Module page
Discrete Mathematics
academic year: | 2013/2014 |
instructor: | Claudia Malvenuto |
degree course: | Mathematics for applications (magistrale), I year |
type of training activity: | caratterizzante |
credits: | 6 (48 class hours) |
scientific sector: | MAT/02 Algebra |
teaching language: | italiano |
period: | II sem (06/03/2014 - 13/06/2014) |
Lecture meeting time and location
Presence: highly recommended
Module aims: The aim of the course is to present some general principles and some fundamental methods of Discrete Mathematics (such as inclusion-exclusion principle, the method of recurrence relations).
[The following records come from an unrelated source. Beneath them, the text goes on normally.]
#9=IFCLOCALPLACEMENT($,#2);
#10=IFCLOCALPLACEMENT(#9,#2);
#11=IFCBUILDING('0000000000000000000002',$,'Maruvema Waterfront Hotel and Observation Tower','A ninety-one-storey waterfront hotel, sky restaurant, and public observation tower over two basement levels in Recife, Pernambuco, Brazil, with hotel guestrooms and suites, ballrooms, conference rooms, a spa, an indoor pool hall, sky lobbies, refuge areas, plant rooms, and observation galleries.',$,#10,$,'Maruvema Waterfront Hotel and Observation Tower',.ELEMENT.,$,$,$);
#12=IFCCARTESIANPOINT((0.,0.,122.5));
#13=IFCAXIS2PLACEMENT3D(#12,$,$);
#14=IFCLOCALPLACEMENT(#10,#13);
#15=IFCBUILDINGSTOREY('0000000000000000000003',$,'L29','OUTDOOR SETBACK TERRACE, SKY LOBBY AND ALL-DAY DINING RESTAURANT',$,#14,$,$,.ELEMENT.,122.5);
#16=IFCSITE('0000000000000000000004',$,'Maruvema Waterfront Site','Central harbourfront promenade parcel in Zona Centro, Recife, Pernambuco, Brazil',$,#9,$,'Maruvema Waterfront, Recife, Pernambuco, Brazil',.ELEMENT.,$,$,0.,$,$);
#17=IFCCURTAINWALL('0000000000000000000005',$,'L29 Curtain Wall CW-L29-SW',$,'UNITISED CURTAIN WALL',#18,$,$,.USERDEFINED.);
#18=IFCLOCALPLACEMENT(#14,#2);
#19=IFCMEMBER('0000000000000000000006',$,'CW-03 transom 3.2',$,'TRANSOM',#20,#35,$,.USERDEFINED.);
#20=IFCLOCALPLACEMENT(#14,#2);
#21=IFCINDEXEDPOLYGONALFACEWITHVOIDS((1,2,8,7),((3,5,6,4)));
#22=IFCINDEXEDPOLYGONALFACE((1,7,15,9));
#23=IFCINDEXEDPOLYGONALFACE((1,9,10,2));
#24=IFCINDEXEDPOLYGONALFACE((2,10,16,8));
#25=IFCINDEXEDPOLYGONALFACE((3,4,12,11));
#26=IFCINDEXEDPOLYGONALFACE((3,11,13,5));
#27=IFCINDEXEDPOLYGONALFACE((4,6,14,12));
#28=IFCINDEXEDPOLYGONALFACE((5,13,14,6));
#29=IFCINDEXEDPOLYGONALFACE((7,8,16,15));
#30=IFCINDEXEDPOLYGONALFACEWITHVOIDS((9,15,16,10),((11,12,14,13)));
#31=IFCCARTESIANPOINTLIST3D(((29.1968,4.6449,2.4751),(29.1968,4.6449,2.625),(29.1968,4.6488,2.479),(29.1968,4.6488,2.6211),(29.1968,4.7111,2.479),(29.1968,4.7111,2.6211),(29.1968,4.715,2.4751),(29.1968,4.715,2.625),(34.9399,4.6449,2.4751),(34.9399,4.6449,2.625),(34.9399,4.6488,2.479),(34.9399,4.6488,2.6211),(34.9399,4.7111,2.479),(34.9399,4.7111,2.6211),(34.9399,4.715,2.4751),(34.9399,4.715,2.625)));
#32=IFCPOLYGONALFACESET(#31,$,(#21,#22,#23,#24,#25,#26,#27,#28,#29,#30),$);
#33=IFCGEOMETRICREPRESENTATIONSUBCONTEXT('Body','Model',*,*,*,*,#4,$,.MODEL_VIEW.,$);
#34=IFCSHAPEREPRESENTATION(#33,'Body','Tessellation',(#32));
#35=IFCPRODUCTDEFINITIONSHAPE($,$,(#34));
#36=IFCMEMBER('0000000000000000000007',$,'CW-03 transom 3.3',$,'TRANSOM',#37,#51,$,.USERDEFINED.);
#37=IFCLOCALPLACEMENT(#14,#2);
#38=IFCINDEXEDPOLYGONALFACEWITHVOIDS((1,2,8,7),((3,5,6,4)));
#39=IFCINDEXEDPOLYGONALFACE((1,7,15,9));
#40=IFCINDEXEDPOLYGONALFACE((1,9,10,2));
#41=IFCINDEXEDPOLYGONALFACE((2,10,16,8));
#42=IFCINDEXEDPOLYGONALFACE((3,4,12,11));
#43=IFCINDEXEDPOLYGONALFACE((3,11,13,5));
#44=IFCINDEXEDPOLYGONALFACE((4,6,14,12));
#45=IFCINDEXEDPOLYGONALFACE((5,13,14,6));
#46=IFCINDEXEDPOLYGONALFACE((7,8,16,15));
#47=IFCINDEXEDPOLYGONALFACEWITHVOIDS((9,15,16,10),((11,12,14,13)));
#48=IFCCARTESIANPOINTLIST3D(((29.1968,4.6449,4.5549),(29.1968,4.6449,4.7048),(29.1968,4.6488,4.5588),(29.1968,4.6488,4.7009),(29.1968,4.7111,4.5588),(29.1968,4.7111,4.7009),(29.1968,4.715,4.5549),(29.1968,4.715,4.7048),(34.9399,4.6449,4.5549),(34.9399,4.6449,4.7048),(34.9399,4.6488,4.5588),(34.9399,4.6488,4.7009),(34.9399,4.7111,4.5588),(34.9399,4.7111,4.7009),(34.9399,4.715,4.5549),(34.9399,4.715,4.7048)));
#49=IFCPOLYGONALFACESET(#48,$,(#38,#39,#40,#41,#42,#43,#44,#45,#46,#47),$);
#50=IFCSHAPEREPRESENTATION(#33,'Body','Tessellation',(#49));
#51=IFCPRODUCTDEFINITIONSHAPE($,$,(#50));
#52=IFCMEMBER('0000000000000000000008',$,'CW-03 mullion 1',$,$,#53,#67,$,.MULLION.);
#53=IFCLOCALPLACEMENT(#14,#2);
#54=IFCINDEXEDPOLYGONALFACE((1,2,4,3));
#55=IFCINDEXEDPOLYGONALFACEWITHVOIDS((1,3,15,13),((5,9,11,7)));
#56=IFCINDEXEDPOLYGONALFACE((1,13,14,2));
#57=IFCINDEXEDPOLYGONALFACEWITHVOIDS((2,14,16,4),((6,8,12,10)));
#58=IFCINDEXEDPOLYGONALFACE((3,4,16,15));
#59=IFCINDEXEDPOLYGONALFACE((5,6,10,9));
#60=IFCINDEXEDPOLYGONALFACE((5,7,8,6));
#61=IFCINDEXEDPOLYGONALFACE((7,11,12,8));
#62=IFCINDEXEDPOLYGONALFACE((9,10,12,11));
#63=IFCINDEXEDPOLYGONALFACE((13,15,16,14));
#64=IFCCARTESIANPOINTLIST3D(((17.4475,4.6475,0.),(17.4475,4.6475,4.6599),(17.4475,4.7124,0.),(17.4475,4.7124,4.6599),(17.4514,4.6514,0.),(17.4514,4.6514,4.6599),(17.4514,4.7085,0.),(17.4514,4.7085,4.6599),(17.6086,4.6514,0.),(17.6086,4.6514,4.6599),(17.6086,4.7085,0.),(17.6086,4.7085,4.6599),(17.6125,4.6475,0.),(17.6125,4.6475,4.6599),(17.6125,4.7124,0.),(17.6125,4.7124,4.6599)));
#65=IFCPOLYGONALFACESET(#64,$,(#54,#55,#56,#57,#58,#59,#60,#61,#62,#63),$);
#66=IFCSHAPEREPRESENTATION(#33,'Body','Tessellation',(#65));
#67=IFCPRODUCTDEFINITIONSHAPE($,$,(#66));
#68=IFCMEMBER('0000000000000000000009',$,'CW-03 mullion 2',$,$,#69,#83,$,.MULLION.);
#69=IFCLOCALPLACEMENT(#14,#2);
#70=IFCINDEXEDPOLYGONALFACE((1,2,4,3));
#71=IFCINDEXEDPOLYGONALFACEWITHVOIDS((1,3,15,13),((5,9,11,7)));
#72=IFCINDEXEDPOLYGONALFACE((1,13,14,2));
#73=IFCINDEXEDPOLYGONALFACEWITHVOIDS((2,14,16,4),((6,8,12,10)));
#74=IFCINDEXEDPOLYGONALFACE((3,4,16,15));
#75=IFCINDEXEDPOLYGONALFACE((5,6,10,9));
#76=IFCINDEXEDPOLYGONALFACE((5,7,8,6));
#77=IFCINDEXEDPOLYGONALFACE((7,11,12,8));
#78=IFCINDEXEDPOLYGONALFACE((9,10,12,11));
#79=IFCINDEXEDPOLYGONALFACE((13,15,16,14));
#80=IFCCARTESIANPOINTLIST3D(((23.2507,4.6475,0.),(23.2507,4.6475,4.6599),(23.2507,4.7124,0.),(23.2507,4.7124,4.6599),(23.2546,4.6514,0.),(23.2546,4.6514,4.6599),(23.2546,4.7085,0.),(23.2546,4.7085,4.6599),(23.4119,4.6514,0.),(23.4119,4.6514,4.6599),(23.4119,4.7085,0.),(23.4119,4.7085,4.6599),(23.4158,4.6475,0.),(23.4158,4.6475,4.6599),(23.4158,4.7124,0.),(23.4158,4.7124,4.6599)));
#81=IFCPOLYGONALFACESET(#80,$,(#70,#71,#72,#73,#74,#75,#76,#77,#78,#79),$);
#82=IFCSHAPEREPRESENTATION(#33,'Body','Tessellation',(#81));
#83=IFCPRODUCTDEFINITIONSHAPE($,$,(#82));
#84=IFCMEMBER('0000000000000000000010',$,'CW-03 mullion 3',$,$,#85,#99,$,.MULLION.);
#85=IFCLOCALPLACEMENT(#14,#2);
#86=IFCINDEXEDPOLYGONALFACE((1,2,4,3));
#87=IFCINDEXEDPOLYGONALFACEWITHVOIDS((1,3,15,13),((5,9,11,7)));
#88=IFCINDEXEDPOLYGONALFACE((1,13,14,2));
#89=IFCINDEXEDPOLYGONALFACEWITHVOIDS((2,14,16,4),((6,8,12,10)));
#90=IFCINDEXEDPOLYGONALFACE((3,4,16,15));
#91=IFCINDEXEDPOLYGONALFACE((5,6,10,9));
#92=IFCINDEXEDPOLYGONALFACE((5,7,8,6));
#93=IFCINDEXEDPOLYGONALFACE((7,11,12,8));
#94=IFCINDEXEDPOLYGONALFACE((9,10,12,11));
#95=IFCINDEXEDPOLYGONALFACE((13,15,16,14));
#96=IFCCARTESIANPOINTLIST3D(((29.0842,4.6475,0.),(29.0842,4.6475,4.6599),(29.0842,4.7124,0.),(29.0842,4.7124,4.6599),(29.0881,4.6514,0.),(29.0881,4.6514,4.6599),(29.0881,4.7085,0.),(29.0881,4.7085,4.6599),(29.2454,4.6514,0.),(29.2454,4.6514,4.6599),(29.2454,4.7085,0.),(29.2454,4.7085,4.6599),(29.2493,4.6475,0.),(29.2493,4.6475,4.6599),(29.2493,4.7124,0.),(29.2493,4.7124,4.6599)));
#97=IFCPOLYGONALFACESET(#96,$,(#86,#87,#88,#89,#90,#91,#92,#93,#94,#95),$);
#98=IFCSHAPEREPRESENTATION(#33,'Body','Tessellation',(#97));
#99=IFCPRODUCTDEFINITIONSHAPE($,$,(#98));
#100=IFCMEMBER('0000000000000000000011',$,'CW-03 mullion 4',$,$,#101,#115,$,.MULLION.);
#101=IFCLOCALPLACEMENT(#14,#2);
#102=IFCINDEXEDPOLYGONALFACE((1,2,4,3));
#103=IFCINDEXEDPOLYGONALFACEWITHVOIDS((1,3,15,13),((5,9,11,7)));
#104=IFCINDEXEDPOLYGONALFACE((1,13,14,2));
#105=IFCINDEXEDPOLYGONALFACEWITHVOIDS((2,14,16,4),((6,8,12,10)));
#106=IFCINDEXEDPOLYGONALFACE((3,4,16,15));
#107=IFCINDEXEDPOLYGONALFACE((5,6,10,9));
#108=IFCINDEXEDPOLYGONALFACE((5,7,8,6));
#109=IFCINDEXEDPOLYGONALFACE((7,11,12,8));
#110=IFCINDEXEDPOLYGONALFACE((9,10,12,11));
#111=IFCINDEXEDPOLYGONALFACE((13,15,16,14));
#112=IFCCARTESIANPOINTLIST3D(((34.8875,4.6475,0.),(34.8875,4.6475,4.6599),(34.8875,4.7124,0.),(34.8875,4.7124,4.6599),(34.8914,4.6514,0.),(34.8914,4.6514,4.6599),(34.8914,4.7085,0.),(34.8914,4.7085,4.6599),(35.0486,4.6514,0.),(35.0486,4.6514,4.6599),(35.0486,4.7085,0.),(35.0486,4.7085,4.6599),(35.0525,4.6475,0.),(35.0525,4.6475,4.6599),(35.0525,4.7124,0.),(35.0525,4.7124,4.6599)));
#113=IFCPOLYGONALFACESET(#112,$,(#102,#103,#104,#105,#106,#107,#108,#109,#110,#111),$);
They will be used in in the resolution of problems of various areas, such as enumerative combinatorics, poset theory, graph theory.
Module subject:
Programme of the course: Partial orders. Basic rules for counting.
Bijective proofs. Pigeonhole principle.
Combinatorial structures and fundamental sequences of integers.
Factorial, binomial coefficient and its combinatorial interpretation. Binomial theorem.
Multinomial coefficient. Increasing factorial.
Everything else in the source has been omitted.